Second, the best thing I did was replace ActiveRecord with Sequel. Sequel has
built-in support for all of those things that ActiveRecord doesn't (I couldn't
live without its composite primary key support), and is in general a much more
robust library than ActiveRecord. It also supports more exotic SQL features
like CTEs and CASE statements without forcing you to drop down to writing raw
SQL (though you can certainly do that if you want).

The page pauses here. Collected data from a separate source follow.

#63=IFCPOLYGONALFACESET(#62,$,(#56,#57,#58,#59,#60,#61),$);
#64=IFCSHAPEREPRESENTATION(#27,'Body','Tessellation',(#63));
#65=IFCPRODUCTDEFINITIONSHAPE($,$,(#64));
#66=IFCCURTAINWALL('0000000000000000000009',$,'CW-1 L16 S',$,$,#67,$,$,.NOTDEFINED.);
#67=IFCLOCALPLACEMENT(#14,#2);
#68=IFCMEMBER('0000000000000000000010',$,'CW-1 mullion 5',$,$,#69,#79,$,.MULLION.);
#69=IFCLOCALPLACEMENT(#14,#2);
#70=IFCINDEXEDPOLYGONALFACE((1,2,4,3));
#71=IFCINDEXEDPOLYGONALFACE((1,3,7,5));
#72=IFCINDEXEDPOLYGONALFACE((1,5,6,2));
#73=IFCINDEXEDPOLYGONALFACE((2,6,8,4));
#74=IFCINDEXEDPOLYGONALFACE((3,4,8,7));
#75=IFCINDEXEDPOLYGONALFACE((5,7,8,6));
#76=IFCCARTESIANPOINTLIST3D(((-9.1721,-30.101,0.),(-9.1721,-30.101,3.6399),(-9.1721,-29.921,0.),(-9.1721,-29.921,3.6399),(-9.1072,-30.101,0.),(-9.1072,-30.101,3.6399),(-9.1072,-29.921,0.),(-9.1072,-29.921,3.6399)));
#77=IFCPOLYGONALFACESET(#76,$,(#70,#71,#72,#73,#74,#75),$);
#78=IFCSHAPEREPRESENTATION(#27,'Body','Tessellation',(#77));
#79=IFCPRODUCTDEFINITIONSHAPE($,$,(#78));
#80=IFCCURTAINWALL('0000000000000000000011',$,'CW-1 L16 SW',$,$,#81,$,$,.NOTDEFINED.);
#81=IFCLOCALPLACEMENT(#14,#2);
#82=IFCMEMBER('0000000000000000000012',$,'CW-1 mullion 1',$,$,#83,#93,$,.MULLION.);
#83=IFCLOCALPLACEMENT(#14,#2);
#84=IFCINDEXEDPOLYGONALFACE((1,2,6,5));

It's not a necessary upgrade for everyone. If your app has fairly simple
models and relationships, ActiveRecord will probably be just fine for you. But
if you want to get better with SQL and get closer to your DB, I think Sequel
is a much better choice.

More info on Sequel: <http://sequel.rubyforge.org/>

It also integrates very well with Postgres - there's a C extension for the
Sequel postgres adapter (<https://github.com/jeremyevans/sequel_pg>) and
support for adding common triggers in migrations, counter columns and whatnot
(<https://github.com/jeremyevans/sequel_postgresql_triggers>). It also
supports the more exotic datatypes - hstore, arrays, even the json and range
types that are coming in PG 9.2.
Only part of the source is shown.